各国戦車の初期開発史(1)

○各国に見る戦車

 戦車の運用構想は実に様々である。 第一次大戦から現在に至る所までを考察しても、それは明らかな違いとして良く見る事が出来る。第二次世界大戦はそうした戦車運用構想の差が勝利に貢献し、敗北につながった経緯を持っている。

 無論、それらは国家的な要因を有してはいるが、 ここではひとまず、 戦車という存在に限定して考えていきたい。

○戦車競争


 戦車性能の向上競争は、イギリスによる世界最初の実用戦車マークTが 、1916年9月15日のソンムの戦いで出現した瞬間から始まった。
 (※上写真はマークU戦車。基本的な構造はマークT戦車と同じで、ハッチを増設した程度。/撮影:秩父路号)

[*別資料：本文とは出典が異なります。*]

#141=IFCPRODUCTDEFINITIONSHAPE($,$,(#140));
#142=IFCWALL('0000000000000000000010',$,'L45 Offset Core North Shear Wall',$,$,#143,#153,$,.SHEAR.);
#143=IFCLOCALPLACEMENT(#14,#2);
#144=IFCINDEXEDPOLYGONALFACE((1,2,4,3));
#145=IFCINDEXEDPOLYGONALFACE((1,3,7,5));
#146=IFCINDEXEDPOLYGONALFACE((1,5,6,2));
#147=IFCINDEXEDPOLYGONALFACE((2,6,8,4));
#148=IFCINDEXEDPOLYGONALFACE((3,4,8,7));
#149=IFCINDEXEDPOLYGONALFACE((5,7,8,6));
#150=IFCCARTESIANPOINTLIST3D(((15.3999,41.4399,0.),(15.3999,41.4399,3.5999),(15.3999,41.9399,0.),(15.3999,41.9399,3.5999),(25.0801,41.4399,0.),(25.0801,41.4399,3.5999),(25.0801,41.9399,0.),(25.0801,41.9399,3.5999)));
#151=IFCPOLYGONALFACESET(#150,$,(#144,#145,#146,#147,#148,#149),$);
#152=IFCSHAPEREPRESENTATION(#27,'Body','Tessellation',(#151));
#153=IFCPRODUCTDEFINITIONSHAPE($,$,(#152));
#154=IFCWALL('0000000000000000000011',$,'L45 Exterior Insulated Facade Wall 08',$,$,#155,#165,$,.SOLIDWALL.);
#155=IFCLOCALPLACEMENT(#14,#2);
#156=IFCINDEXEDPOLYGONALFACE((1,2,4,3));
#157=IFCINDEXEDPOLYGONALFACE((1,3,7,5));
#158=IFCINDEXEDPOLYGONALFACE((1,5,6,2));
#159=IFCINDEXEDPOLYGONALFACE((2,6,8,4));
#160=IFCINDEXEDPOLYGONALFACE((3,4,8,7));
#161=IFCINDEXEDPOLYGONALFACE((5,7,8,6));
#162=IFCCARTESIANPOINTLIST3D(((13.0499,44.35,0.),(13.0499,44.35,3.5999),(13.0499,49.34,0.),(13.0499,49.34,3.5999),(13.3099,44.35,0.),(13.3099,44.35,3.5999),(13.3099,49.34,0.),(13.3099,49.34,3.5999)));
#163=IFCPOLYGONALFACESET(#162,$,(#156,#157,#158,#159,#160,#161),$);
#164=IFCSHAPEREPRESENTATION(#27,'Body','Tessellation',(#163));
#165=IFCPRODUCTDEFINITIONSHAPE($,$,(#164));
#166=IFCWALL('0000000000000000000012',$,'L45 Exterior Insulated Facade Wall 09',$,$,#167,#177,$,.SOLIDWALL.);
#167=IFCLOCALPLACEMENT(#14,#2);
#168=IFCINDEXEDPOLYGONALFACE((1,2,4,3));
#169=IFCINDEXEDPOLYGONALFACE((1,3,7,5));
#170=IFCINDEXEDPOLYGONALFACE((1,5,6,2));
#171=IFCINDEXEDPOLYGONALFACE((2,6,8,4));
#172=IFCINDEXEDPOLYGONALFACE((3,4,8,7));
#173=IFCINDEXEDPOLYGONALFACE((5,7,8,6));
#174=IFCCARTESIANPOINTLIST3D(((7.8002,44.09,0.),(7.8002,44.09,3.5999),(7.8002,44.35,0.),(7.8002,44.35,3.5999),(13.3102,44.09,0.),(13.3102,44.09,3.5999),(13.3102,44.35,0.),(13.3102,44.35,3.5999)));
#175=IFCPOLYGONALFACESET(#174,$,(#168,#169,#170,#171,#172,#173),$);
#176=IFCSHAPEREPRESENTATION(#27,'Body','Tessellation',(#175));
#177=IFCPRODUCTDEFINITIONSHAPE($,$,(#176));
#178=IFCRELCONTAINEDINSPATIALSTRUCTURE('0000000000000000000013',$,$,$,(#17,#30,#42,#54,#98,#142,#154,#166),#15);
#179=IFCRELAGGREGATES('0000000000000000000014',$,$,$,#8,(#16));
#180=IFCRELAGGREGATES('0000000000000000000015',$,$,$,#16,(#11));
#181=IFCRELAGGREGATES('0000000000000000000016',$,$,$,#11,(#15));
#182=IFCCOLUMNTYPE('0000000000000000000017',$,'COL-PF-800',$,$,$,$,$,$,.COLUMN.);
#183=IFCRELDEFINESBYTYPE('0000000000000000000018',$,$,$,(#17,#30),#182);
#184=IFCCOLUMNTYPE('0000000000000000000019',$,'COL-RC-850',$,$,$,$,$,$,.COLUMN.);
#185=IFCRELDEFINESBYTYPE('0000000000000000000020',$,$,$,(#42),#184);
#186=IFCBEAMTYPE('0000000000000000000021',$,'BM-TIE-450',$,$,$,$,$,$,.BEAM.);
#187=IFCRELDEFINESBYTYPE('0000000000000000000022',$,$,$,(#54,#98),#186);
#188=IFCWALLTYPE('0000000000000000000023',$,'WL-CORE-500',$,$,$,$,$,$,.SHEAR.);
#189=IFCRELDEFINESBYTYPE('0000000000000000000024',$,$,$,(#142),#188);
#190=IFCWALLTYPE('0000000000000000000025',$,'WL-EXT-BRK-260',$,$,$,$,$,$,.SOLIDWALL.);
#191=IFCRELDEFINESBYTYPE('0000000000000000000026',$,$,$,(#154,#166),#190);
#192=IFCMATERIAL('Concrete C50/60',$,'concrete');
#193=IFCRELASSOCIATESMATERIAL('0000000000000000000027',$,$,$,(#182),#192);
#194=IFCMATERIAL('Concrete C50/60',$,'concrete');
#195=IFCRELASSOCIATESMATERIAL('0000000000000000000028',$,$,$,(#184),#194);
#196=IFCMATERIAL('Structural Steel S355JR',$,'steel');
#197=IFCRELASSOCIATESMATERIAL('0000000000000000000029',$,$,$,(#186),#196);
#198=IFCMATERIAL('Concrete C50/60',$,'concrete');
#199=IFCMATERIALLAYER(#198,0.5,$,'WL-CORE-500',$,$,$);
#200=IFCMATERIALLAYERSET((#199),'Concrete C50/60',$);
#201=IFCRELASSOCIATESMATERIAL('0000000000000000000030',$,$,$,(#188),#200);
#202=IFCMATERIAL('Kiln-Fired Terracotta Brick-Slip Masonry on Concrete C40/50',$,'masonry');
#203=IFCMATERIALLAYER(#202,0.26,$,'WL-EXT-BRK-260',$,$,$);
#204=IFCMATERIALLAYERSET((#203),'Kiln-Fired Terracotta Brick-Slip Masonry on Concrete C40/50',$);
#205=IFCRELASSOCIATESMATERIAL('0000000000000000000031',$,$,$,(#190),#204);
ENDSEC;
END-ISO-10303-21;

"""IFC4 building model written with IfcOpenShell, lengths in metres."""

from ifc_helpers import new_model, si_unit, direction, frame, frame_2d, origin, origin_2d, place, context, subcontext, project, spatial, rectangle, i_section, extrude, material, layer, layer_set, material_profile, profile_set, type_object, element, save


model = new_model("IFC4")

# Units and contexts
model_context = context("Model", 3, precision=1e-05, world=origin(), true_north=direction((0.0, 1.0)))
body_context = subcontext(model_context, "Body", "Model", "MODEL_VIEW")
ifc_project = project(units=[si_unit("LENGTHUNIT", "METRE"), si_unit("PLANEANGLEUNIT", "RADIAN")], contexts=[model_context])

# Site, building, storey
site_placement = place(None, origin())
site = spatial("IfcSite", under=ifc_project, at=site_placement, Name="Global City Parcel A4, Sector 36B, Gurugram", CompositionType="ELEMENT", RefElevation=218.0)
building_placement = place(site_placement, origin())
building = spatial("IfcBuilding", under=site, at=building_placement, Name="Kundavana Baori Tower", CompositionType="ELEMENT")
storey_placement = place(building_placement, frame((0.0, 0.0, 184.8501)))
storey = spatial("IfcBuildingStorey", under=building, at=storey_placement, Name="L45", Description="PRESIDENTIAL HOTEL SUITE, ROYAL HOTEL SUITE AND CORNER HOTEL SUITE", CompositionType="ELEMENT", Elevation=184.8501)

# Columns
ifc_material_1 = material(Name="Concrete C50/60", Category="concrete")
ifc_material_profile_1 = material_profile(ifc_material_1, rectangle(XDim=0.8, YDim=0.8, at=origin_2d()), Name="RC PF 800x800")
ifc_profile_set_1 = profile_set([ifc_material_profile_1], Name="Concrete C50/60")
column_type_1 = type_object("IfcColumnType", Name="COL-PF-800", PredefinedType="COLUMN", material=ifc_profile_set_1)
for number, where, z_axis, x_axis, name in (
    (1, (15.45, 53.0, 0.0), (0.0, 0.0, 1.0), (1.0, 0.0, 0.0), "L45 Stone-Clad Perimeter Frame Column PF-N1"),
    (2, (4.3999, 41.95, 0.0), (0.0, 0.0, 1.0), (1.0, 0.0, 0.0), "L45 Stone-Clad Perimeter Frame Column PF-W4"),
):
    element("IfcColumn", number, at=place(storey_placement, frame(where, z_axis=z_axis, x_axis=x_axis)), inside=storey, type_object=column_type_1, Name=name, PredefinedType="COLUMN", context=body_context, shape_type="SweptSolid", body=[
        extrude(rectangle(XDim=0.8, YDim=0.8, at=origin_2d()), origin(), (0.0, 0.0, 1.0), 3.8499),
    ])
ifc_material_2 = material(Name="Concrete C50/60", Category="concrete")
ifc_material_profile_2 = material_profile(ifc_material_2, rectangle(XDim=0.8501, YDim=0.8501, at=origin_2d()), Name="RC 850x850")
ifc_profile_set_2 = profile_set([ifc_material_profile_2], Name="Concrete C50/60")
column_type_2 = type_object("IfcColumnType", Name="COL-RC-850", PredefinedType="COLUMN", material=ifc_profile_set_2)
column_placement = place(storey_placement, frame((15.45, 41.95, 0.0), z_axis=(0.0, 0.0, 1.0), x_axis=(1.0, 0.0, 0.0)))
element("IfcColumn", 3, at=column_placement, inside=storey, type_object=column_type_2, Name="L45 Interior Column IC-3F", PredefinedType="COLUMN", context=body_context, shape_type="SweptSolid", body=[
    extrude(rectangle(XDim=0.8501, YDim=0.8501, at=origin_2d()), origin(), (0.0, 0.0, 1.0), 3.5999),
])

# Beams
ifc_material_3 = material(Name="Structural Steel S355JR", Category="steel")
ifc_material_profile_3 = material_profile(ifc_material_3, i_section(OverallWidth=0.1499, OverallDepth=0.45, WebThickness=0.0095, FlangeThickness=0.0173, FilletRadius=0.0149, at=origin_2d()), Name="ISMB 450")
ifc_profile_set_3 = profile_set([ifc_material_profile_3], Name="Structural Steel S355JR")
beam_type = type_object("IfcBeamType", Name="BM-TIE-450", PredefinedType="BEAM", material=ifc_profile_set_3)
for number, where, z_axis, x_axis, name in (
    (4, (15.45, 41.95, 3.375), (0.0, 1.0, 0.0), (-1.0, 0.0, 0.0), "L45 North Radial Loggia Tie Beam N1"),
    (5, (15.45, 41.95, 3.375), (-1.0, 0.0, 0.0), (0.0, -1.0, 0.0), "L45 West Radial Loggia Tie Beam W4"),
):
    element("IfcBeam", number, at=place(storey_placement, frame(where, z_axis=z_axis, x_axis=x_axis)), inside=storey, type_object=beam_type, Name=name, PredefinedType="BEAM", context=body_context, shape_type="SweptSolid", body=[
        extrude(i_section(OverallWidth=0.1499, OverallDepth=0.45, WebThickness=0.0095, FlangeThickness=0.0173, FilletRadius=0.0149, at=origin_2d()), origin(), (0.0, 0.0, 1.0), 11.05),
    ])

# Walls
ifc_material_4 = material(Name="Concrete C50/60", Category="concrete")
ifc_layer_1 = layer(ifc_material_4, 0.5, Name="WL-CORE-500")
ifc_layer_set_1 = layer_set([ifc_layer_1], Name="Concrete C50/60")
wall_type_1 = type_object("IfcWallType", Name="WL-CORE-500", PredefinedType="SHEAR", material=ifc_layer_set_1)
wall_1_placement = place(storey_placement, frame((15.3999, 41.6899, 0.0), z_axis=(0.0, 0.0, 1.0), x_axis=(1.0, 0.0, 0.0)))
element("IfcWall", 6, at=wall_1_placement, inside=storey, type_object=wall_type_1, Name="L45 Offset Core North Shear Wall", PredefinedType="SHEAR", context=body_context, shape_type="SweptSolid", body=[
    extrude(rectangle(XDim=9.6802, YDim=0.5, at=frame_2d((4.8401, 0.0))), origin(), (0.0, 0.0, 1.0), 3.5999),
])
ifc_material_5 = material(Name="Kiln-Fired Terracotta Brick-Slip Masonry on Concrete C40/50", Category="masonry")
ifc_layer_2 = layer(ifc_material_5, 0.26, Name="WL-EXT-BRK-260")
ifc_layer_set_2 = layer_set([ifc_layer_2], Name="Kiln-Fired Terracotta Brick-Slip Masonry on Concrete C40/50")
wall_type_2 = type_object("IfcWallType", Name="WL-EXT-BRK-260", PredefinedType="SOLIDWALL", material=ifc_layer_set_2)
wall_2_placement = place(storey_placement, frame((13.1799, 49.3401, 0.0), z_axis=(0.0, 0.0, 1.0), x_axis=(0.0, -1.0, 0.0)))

 戦車と対峙する事になったドイツ軍に衝撃を与え、 同時に人間の肉体を武器に行う戦争が終わりに近づいた事を明確に印象づけた。戦車の有用性に特に興味を示したのは、戦車を敵として最初に戦う事になった、 ドイツ帝国軍であった事は当然であっただろう。

 ドイツはその国民性とも言える物作りを存分に生かして、 戦車開発に邁進する。


 こうして誕生したのがドイツ最初の実戦投入戦車として有名なA7Vである。これはマークTよりも重装甲であり、 履帯すらも装甲の下に隠れる独特の形をしている。 前後左右に機関銃ではなく機関砲を配置し、より塹壕撃砕に特化した戦車となった。1918年4月24日にヴィレルー・ブレトニュー(フランス)で、イギリスのマークW戦車と史上初の戦車戦を行っている。
 (※上写真はボービントンの戦車博物館で展示されているA7V戦車 504 Schnuckのレプリカ。/撮影:秩父路号)

 同時期にはフランスでも戦車 シュナイダーCA1を開発し戦場に投入した。 マークTより大柄で船底をひっくり返した様な胴体の側面に履帯が付く。

 この他にもアメリカでは速度特化のフォード3t戦車が開発される。 これは2名乗りで、非常に小さいく、当時としては軽快に動いた。 時速13キロと言うから、当時の戦車の倍、 アメリカ製の大衆自動車である T型フォードの初期モデルの最高速度が大体20キロ程度だった事を考えると非常に軽快と言えるかもしれない。

 この様に戦車黎明期においても早くから、 各国の考えに基づく戦車開発競争は繰り広げられ、 戦車のみならず、この周辺機器も開発、改良、性能向上が繰り広げられた。

 エンジンは大型化しつつも出力が向上し、 機関銃は口径が大きくなり機関砲と呼ばれる種別の銃が生まれ、 大砲は巨大化の一途を進み、用途に応じた型が生み出された。
 そしてそれらは、第一次世界大戦が終結した後にこそ、 繰り広げられたとも言える。